Long and important stories become carefully structured to be more easily memorized. This structuring arrangement took the form of various mnemonic cues such as rhyme, alliteration, and--most importantly-- meter. All of which made possible the common memorization and recitation of very, very, very long stories.
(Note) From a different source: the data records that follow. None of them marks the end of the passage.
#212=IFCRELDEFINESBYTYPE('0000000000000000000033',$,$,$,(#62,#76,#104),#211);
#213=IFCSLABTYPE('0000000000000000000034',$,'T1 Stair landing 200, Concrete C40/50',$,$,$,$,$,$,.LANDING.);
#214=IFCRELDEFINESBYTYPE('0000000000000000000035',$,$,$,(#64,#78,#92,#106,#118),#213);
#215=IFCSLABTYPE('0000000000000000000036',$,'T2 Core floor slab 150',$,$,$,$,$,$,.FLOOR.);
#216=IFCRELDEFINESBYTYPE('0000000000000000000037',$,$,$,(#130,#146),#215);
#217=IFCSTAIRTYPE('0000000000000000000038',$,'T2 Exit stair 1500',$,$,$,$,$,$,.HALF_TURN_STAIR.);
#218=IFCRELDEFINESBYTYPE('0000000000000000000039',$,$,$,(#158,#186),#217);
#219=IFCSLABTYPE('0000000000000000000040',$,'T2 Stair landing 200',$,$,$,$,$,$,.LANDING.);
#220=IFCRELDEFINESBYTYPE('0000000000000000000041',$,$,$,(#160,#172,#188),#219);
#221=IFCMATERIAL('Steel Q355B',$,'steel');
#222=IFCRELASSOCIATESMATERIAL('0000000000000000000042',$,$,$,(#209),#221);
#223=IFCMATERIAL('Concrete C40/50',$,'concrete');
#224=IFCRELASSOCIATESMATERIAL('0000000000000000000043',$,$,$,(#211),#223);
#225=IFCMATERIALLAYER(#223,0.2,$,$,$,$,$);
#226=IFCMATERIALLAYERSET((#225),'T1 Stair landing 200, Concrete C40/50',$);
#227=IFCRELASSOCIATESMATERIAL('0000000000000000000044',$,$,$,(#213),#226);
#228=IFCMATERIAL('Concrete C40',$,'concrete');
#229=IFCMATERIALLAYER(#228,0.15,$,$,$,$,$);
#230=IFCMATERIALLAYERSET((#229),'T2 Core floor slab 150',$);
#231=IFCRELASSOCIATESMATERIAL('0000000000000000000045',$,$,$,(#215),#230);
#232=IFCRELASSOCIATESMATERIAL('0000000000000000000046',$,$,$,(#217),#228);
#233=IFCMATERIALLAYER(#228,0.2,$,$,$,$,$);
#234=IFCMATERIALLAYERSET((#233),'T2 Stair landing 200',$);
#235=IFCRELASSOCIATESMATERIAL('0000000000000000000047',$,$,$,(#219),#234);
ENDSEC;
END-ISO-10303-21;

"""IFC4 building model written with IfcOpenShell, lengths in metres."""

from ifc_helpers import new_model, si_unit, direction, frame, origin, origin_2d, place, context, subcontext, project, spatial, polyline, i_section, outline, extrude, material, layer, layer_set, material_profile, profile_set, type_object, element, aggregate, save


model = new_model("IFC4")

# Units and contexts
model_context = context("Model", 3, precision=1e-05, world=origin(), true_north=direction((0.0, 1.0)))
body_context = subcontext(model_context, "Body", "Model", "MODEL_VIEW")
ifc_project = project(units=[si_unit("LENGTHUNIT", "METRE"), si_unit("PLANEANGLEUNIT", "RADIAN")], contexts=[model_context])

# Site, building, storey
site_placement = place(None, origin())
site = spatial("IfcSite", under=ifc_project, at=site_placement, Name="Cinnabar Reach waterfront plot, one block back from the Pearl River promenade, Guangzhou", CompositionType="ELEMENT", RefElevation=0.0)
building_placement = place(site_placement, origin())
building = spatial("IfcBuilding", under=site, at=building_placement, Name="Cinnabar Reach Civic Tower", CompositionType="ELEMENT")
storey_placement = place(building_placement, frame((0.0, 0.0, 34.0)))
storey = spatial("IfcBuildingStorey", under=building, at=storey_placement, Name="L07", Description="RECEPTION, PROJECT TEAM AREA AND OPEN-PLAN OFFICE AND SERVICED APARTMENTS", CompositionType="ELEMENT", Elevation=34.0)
This patterning came to be called "poetry."
c. 5,000 b.c.e.
Ancient Babylonian accountants use sticks to scratch pictorial tabulations of livestock into mud; writing is born.
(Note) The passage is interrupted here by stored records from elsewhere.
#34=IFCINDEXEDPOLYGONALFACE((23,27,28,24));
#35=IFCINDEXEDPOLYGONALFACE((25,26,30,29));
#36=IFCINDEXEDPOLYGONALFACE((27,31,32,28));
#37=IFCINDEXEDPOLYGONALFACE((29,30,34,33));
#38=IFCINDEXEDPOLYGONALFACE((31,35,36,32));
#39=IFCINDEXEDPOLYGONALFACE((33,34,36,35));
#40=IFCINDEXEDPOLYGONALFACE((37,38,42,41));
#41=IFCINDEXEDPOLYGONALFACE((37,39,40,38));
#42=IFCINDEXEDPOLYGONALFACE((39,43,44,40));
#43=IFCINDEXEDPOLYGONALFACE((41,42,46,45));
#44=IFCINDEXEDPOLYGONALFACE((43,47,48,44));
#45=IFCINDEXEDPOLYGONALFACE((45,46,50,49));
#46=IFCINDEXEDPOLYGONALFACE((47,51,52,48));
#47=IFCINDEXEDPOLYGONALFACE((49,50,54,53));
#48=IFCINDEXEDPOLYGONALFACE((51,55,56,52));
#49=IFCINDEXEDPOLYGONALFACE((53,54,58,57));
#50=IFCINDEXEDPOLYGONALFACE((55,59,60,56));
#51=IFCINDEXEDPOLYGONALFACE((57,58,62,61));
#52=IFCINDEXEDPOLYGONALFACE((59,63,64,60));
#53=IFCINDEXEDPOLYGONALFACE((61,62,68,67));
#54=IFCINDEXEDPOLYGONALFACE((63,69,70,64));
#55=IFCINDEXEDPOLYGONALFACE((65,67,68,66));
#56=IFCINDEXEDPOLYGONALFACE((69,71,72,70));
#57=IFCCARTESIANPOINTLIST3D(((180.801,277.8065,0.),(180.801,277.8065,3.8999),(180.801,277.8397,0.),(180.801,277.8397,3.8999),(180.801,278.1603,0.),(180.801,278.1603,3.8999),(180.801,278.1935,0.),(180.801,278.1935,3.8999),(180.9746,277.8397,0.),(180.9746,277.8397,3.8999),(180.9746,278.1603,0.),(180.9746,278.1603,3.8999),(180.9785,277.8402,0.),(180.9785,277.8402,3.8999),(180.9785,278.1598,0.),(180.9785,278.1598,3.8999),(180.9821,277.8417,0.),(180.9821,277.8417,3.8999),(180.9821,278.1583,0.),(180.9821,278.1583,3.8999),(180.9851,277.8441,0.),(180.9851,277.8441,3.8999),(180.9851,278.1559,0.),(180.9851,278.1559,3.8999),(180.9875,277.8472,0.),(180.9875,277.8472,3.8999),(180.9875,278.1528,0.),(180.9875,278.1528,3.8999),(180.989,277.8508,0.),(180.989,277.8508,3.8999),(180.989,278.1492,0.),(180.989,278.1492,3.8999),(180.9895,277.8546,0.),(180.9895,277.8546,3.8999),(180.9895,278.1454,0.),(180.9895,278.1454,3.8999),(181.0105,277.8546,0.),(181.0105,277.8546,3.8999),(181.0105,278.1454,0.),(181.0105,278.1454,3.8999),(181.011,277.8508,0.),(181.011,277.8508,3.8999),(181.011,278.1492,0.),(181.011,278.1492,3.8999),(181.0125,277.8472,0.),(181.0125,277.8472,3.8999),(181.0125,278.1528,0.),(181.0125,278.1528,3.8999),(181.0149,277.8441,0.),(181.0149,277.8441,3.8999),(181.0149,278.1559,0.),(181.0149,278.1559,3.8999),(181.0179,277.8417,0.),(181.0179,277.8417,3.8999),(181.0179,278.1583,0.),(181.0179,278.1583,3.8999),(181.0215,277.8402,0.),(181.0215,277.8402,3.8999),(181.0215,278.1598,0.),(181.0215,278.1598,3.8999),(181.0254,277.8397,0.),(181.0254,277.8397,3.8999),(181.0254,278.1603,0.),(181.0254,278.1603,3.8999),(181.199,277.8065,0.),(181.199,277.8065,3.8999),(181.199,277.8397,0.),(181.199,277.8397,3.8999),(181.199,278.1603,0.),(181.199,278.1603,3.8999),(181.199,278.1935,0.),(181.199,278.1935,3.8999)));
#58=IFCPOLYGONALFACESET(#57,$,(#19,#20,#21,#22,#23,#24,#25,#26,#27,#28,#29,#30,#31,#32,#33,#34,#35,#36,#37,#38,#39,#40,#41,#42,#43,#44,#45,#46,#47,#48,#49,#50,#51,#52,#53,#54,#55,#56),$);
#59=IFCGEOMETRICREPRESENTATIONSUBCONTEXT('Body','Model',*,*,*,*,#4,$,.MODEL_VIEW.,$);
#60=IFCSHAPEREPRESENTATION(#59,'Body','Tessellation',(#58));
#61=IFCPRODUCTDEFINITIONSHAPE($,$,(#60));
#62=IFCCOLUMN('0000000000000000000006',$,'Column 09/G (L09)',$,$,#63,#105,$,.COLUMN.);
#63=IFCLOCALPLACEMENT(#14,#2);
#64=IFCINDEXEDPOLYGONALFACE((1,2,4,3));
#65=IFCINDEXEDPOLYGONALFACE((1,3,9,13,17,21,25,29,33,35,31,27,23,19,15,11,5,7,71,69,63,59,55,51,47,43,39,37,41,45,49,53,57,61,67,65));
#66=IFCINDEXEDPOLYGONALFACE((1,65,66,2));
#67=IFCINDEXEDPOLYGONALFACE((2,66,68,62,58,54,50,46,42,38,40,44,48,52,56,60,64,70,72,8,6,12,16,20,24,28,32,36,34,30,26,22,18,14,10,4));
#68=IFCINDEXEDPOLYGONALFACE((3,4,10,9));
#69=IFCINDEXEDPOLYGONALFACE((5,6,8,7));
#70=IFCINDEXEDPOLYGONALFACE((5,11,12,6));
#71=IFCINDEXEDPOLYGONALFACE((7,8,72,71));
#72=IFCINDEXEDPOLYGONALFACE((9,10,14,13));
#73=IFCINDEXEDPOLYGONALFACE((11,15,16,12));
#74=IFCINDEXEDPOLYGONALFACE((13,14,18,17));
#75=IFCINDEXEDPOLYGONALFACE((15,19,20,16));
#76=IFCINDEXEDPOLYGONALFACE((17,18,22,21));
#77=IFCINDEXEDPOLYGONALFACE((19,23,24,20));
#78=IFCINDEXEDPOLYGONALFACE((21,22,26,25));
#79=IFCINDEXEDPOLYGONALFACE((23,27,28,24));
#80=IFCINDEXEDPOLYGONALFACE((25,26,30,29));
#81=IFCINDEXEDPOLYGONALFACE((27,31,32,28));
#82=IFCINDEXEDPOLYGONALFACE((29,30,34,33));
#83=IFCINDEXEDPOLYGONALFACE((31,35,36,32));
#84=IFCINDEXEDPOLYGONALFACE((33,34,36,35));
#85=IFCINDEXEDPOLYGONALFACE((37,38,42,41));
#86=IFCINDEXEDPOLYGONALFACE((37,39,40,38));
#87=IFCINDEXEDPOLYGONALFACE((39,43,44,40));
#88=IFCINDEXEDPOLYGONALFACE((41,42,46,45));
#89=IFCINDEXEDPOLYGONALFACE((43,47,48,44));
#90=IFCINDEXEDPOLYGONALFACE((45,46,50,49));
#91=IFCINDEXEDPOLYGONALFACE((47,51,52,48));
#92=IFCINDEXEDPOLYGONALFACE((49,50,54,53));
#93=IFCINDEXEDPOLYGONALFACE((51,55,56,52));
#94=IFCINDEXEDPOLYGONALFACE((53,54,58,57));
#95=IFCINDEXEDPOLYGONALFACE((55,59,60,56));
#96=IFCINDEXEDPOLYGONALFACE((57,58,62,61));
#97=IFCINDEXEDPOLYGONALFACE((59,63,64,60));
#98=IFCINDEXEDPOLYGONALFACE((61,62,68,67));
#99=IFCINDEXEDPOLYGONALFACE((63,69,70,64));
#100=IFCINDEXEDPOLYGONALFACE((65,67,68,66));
c. 3,000-- c. 1,000 b.c.e.
Alphabets emerge, hence writing really is born, instantly obliterating the pragmatic need for poetry.
360 b.c.e.
Literary character Socrates earns his reputation as "the wisest man who ever lived" by theoretically banishing poets from his theoretical Republic, believing a poet to be a mere imitator of reality, "and therefore, like all other imitators, he is thrice removed from the king and from the truth." (Read the Jowett translation at M.I.T.) Farewell, William Carlos Williams!
1564--1616 c.e.
William Shakespeare struts and frets.
1855 c.e.
Walt Whitman publishes his Leaves of Grass. For the first time in "poetry," any attempt at versification is abandoned as prose is arbitrarily lopped into lines, furthering the degradation of poetry towards utter uselessness.
1920 c.e.-- 2004 c.e.
"Free verse" and "prose poetry" are widely employed by "poets" who lack the skill to arrange words into pleasant sounding metrical patterns and instead just write prose. In "free verse," they chop it up into lines, while in "prose poems" they don't bother.
c.1985 c.e.
"Poetry Slams" reintroduce the long lost grunts and gesticulations. The circle makes a wheel.